Observó a su mujer al cruzar la calle. Llevaba el chaquetón rojo que siempre juraba que iba a tirar, pero que siempre acababa recuperando del fondo del armario año tras año. Ella era así con todo y justamente esa singularidad fue lo que le atrajo de ella cuando la conoció. La misma ropa una y otra vez, los montones de pintalabios que nunca tocaba, aquella canción, "el torbellino de la vida", que entonaba siempre que cocinaba croquetas, formaba parte de una vida que le parecía ajena y que tenía pensado abandonar entre el segundo plato y el postre. Se daba cuenta de la incongruencia, a la vez extraña y lógica, del lugar que había elegido para dejarla. Precisamente allí se había dado cuenta por primera vez de que ya no la quería.
Cuando ella esbozó una sonrisa, él se sintió con ganas de gritar: "¡Te voy a dejar así que no sonrías más!" Pero simplemente le ofreció un poco de su aperitivo. Eso era algo que también le sacaba de quicio de su mujer. Ella nunca pedía aperitivo ni postre, pero siempre se comía los de él casi enteros. Lo peor es que él siempre acababa pidiendo lo que le gustaba a ella. "Ya no sé si realmente me gustan los profiteroles", pensó con un aire grave y solemne. Cuando ella se echó a llorar como no lo había echo nunca, lo primero que pensó es que ella sabía que la iba a dejar por Maria Christine, la fogosa azafata a la que amaba desde hacía año y medio. "Ya está", pensó él. "Lo sabe, hace tiempo que lo sabe, debería haberlo imaginado". Sin dejar de llorar ella sacó unos papeles del bolso y se los entregó. Con una terminología médica aséptica, decía que tenía leucemia en fase terminal. En un instante, el motivo de su almuerzo se borró de su pensamiento y una extraña voz metálica empezó a decirle: "Debes estar a la altura de las circunstancias".

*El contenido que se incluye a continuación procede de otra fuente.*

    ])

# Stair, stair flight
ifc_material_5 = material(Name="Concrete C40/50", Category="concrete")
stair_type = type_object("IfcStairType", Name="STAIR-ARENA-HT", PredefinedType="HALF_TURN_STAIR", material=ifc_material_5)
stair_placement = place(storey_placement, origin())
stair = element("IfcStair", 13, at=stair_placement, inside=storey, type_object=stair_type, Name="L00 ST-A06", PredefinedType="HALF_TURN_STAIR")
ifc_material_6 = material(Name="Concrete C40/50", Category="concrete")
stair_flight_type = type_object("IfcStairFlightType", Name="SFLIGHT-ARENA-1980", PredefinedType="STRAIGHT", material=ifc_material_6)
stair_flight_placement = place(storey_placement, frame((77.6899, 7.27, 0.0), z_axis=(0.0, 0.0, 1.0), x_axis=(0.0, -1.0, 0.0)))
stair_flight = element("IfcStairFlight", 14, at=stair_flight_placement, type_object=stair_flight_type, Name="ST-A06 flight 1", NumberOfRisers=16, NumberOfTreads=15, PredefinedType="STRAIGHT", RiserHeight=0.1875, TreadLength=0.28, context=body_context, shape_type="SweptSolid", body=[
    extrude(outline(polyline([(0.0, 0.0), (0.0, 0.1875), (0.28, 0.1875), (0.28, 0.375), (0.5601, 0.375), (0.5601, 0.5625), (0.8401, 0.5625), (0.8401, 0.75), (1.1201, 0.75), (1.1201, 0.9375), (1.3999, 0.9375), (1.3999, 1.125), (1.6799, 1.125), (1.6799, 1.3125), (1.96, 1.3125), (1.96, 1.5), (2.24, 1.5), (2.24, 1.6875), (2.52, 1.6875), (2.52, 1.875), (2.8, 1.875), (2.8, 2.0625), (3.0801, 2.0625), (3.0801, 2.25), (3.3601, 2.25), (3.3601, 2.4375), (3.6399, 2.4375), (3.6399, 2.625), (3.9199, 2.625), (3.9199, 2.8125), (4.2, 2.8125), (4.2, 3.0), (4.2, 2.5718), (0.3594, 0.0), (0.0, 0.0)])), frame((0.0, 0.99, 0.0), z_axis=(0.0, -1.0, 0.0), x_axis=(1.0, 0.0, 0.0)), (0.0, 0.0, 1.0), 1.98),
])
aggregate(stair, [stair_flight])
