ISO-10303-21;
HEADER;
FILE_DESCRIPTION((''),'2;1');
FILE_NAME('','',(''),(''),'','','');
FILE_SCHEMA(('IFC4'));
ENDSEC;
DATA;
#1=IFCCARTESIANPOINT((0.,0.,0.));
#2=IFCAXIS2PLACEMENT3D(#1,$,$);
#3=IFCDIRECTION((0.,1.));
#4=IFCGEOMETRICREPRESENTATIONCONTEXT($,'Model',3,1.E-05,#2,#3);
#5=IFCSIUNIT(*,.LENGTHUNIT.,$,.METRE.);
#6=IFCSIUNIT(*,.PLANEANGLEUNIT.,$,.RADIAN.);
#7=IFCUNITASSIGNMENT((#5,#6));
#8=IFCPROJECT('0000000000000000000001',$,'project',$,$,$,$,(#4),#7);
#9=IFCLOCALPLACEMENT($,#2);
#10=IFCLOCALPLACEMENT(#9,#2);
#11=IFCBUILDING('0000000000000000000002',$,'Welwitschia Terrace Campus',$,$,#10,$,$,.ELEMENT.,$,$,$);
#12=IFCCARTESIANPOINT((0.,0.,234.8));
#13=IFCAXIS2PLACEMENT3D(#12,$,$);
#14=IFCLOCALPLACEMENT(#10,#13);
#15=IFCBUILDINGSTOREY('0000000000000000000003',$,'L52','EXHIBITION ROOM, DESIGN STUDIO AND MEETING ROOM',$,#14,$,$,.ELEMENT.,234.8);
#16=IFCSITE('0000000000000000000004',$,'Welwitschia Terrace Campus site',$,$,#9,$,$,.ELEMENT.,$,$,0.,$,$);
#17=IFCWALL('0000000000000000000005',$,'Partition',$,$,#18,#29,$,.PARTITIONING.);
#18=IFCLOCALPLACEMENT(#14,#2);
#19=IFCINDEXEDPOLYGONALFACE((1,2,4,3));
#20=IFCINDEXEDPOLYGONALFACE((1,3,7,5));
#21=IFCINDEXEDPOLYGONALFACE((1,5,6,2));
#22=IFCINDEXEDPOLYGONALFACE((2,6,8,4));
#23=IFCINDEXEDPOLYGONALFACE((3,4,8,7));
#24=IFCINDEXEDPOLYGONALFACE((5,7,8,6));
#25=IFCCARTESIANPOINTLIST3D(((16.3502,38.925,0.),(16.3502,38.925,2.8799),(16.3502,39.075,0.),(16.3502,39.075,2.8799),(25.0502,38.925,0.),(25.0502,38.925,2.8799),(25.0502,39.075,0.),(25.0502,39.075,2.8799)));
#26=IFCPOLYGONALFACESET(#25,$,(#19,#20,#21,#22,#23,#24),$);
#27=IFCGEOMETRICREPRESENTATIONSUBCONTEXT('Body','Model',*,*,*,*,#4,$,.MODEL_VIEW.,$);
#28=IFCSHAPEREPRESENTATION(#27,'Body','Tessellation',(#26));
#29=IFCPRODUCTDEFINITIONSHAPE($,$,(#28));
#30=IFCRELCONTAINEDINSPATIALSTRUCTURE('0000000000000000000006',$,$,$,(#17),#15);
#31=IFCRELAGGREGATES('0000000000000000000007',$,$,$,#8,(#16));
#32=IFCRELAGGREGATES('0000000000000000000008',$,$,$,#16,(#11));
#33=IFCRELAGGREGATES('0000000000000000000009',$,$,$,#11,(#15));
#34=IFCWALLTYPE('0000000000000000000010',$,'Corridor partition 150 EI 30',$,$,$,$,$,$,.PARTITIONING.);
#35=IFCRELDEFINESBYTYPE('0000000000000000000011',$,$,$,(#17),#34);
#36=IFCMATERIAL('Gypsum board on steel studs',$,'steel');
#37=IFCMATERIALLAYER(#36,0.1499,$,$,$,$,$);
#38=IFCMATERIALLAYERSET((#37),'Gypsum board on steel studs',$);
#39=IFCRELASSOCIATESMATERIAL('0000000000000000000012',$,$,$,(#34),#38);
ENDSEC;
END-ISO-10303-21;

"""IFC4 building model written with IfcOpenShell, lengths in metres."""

from ifc_helpers import new_model, si_unit, direction, frame, frame_2d, origin, place, context, subcontext, project, spatial, rectangle, extrude, material, layer, layer_set, type_object, element, save


model = new_model("IFC4")

# Units and contexts
model_context = context("Model", 3, precision=1e-05, world=origin(), true_north=direction((0.0, 1.0)))
body_context = subcontext(model_context, "Body", "Model", "MODEL_VIEW")
ifc_project = project(units=[si_unit("LENGTHUNIT", "METRE"), si_unit("PLANEANGLEUNIT", "RADIAN")], contexts=[model_context])

# Site, building, storey
site_placement = place(None, origin())
site = spatial("IfcSite", under=ifc_project, at=site_placement, Name="Welwitschia Terrace Campus site", CompositionType="ELEMENT", RefElevation=0.0)
building_placement = place(site_placement, origin())
building = spatial("IfcBuilding", under=site, at=building_placement, Name="Welwitschia Terrace Campus", CompositionType="ELEMENT")
storey_placement = place(building_placement, frame((0.0, 0.0, 234.8)))
storey = spatial("IfcBuildingStorey", under=building, at=storey_placement, Name="L52", Description="EXHIBITION ROOM, DESIGN STUDIO AND MEETING ROOM", CompositionType="ELEMENT", Elevation=234.8)

# Shared definitions
ifc_material_1 = material(Name="Gypsum board on steel studs", Category="steel")
ifc_layer_1 = layer(ifc_material_1, 0.1499)
ifc_layer_set_1 = layer_set([ifc_layer_1], Name="Gypsum board on steel studs")
wall_type = type_object("IfcWallType", Name="Corridor partition 150 EI 30", PredefinedType="PARTITIONING", material=ifc_layer_set_1)

# Wall
wall_1_placement = place(storey_placement, frame((16.3501, 39.0, 0.0), z_axis=(0.0, 0.0, 1.0), x_axis=(1.0, 0.0, 0.0)))
element("IfcWall", 1, at=wall_1_placement, inside=storey, type_object=wall_type, Name="Partition", PredefinedType="PARTITIONING", context=body_context, shape_type="SweptSolid", body=[
    extrude(rectangle(XDim=8.7, YDim=0.1499, at=frame_2d((4.3501, 0.0))), origin(), (0.0, 0.0, 1.0), 2.8799),
])

save(model, "model.ifc")
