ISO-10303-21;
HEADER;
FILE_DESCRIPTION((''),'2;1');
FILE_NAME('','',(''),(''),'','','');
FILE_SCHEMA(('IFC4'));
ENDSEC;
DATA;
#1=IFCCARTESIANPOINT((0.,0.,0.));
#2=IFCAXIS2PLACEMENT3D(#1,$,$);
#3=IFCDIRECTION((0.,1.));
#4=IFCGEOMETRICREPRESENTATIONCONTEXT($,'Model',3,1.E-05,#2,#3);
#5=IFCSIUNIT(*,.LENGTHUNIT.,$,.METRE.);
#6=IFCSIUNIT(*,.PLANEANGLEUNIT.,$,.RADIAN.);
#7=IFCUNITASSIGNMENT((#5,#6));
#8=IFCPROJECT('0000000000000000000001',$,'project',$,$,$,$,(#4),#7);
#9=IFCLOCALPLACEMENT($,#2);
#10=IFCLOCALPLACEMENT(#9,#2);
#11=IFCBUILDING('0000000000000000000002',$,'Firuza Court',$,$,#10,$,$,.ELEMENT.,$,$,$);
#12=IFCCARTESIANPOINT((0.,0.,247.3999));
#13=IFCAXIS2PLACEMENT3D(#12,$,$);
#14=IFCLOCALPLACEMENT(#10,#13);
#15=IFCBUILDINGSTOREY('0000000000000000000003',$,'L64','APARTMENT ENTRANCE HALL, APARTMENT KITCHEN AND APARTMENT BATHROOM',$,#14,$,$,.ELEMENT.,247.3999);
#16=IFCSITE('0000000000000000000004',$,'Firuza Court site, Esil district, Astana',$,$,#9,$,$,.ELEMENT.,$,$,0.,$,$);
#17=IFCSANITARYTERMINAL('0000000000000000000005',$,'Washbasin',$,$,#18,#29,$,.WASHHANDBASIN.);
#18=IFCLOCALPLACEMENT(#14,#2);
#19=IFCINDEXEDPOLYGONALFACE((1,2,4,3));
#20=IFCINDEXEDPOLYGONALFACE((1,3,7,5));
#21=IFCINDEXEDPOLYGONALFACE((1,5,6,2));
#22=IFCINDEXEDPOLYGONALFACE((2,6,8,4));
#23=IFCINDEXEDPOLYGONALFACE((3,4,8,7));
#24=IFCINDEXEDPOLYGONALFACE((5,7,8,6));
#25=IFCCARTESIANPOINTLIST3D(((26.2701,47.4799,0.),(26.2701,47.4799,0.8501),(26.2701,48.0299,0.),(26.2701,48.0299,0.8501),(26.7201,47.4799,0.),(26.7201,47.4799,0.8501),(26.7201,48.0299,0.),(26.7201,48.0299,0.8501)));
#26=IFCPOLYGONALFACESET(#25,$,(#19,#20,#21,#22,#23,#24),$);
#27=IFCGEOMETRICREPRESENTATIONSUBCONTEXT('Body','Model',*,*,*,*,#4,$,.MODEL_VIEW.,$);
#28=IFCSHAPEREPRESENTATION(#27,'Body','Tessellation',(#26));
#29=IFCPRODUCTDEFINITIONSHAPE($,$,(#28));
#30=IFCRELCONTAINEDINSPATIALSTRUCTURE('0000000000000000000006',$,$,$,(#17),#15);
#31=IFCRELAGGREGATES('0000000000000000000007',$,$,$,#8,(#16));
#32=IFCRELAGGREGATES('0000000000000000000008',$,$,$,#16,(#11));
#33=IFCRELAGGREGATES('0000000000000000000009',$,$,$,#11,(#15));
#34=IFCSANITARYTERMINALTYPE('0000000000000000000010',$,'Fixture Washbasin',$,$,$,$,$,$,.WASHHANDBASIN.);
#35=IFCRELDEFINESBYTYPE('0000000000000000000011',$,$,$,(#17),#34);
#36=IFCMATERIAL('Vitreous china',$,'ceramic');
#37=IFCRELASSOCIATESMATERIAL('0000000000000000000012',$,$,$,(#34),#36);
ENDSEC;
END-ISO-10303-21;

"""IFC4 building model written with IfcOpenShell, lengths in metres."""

from ifc_helpers import new_model, si_unit, direction, frame, origin, origin_2d, place, context, subcontext, project, spatial, rectangle, extrude, material, type_object, element, save


model = new_model("IFC4")

# Units and contexts
model_context = context("Model", 3, precision=1e-05, world=origin(), true_north=direction((0.0, 1.0)))
body_context = subcontext(model_context, "Body", "Model", "MODEL_VIEW")
ifc_project = project(units=[si_unit("LENGTHUNIT", "METRE"), si_unit("PLANEANGLEUNIT", "RADIAN")], contexts=[model_context])

# Site, building, storey
site_placement = place(None, origin())
site = spatial("IfcSite", under=ifc_project, at=site_placement, Name="Firuza Court site, Esil district, Astana", CompositionType="ELEMENT", RefElevation=0.0)
building_placement = place(site_placement, origin())
building = spatial("IfcBuilding", under=site, at=building_placement, Name="Firuza Court", CompositionType="ELEMENT")
storey_placement = place(building_placement, frame((0.0, 0.0, 247.3999)))
storey = spatial("IfcBuildingStorey", under=building, at=storey_placement, Name="L64", Description="APARTMENT ENTRANCE HALL, APARTMENT KITCHEN AND APARTMENT BATHROOM", CompositionType="ELEMENT", Elevation=247.3999)

# Sanitary terminal
ifc_material_1 = material(Name="Vitreous china", Category="ceramic")
sanitary_terminal_type_1 = type_object("IfcSanitaryTerminalType", Name="Fixture Washbasin", PredefinedType="WASHHANDBASIN", material=ifc_material_1)
sanitary_terminal_1_placement = place(storey_placement, frame((26.4951, 47.7549, 0.0), z_axis=(0.0, 0.0, 1.0), x_axis=(1.0, 0.0, 0.0)))
element("IfcSanitaryTerminal", 1, at=sanitary_terminal_1_placement, inside=storey, type_object=sanitary_terminal_type_1, Name="Washbasin", PredefinedType="WASHHANDBASIN", context=body_context, shape_type="SweptSolid", body=[
    extrude(rectangle(XDim=0.45, YDim=0.55, at=origin_2d()), origin(), (0.0, 0.0, 1.0), 0.8501),
])

save(model, "model.ifc")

Y eso fue lo que hizo. Para empezar, pidió tres raciones de profiteroles para llevar y envió un mensaje a su amante: "Olvídame. Sergio". Dispensó a su mujer todas las atenciones que hasta entonces ella le había reclamado: colgar los cuadros que esperaban por toda la casa, acompañarla al cine por la tarde para ver sus películas favoritas, ir de rebajas con ella pese a detestar las compras, leer en voz alta "Sputnik, mi amor" de Murakami, y todo, incluso las cosas más insignificantes, tenían otro sabor desde que sabía que esa sería la última que podía hacerlas para ella. De tanto comportarse como un hombre enamorado, volvió a enamorarse.
Y cuando ella falleció en sus brazos, él cayó en un coma emocional del que nunca volvió a salir. Aún hoy, después de muchos años, se le encoje el corazón cada vez que ve a una mujer con un chaquetón rojo.